Most of the lower price models have patch antennas, check the specs for quadlinear or something like that. This feature and the ability to use an external antenna is useful if you need the data and there is problem with tree cover. In Garmin 60 and 76 have these features.


----------



## Arbysauce (Jan 3, 2005)

*Got me one too. It's good.*

Bought me some software to go with it and it's pretty ridiculous the amount of data you can get. It's sturdy, floats (big for me), and about the size of a standard 2.4 ghz phone. The Pro's strenght lies in its ability to be loaded up with area-specific software. If you don't want to mess with that, prolly should get one with a bigger basemap. I likes me mine and have used a few of those etrax guys and wasn't impressed. And we all know that what I say is pretty much law.


----------



## fred3 (Jan 12, 2004)

Never owned one. Always bring a compass/map if necessary. No batteries and never been lost. 
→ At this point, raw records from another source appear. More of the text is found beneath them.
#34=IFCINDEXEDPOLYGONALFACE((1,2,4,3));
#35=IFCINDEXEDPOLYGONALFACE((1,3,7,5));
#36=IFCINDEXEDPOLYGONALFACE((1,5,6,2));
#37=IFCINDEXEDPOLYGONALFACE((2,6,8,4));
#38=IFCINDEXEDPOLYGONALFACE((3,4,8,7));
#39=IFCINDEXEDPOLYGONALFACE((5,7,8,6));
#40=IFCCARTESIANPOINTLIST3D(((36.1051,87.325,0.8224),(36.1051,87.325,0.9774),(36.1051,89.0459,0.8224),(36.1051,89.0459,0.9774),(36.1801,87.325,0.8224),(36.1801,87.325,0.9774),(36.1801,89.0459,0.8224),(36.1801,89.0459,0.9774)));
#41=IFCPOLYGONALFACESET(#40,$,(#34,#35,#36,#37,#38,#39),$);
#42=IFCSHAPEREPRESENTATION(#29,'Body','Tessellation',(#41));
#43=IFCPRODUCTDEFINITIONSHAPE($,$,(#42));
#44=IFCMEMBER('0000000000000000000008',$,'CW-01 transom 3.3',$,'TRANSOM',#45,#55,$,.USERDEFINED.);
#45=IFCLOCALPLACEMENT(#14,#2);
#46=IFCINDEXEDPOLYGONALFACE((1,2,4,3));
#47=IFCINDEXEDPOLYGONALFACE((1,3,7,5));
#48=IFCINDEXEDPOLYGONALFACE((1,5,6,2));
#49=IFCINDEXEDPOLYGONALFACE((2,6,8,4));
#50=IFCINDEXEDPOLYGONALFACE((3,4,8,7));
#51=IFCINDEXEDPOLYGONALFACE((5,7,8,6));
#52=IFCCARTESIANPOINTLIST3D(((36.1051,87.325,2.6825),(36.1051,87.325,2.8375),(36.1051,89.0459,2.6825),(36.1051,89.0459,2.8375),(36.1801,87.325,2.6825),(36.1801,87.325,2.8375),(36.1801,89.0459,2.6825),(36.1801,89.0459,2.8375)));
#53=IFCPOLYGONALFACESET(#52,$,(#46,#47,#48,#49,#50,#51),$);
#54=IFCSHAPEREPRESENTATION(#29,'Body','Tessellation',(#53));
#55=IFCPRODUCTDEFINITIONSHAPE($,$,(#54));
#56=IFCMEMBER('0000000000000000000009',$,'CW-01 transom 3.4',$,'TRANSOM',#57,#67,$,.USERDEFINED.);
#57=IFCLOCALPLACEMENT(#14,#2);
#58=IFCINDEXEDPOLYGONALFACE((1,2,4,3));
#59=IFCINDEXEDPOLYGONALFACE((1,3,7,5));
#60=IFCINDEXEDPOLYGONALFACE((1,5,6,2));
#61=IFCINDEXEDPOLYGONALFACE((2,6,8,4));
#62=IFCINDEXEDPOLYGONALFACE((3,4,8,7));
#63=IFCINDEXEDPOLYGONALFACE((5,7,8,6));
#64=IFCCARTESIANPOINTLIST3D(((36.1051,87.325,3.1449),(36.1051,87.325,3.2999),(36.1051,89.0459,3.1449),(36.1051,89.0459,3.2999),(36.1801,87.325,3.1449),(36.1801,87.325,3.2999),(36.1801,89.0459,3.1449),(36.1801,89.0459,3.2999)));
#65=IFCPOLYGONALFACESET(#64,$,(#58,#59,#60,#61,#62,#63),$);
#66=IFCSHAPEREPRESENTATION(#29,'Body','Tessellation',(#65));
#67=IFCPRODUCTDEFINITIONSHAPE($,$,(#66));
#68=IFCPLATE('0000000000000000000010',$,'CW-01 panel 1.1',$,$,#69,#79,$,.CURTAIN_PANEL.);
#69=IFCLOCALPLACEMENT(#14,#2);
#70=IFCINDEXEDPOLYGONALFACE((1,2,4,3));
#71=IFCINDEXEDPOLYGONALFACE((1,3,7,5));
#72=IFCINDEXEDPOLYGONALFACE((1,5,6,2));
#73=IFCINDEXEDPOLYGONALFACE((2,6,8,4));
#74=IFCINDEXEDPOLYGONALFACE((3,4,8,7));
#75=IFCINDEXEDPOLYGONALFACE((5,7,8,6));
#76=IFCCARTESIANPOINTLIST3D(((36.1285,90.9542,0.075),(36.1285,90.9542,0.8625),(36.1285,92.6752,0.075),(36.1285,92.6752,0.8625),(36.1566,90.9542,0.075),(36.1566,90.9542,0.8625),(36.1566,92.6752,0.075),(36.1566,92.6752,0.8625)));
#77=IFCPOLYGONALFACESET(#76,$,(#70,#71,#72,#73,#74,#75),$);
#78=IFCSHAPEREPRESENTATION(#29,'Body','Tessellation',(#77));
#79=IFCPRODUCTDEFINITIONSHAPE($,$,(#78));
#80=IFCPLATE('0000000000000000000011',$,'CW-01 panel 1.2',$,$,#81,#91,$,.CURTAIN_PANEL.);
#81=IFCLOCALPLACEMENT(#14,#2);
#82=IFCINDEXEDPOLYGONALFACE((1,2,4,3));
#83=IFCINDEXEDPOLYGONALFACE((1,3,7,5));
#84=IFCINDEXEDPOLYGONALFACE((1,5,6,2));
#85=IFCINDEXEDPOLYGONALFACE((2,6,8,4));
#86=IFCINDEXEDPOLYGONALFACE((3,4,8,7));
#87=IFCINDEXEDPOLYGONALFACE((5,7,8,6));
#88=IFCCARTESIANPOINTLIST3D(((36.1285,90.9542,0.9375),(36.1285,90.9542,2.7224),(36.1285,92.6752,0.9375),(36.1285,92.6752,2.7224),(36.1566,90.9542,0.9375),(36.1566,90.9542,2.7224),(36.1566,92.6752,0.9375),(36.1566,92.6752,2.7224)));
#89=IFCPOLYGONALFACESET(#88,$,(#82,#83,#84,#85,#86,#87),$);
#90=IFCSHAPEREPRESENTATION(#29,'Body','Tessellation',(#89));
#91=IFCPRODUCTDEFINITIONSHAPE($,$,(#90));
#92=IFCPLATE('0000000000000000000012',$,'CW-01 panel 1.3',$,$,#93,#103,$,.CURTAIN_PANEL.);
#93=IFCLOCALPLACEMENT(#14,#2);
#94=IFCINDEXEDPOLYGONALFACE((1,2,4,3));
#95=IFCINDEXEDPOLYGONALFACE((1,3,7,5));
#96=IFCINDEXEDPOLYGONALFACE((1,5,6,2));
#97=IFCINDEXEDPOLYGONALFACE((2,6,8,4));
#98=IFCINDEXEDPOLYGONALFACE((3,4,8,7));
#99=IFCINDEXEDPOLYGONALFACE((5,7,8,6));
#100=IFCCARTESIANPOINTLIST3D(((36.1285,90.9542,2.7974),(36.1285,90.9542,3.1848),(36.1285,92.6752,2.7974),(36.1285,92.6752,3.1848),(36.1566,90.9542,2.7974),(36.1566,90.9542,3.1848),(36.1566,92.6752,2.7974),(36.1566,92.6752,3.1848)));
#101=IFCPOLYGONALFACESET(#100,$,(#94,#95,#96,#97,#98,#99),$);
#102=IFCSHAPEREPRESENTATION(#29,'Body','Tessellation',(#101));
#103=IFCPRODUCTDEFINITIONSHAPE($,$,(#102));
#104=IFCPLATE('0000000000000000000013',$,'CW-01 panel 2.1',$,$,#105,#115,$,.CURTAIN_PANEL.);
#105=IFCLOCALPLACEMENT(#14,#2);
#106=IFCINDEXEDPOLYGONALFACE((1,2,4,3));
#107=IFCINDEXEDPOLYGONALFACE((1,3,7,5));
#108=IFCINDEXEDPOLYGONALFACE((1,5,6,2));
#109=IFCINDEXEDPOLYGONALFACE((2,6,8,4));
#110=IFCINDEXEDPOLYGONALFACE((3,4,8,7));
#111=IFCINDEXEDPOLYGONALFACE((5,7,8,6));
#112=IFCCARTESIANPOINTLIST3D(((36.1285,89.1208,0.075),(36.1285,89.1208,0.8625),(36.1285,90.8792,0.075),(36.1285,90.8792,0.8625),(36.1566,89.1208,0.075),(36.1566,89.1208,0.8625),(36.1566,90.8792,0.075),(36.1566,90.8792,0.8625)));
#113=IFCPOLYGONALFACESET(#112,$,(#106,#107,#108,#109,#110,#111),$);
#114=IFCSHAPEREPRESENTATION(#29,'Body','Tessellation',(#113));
No sarcasm intended(unless pete reads it ;-)


----------



## BigLarry (Jul 30, 2004)

*GPS Value*

I use the eTrex Vista and find it's 24 MB perfect to store most of Northern CA street maps and topo maps. The small size and ruggedness allow it to fit nicely on my handlebars while going through rock gardens and crashes.



theoneinventor said:


> looks like this might be what you are loking for? for $550 you must be getting somthing good. plus garmin has a very good reputation.


The newer 60CS and 76CS models have a better antenna reception and color screen (although some eTrex also have color but smaller screens.) But I've done fine with my eTrex, only loosing signal in deep canyons and/or very thick tree cover, which is usually only a small distance. The model mentioned above comes with street and topo software that's otherwise $80 each, so it's not that bad a deal.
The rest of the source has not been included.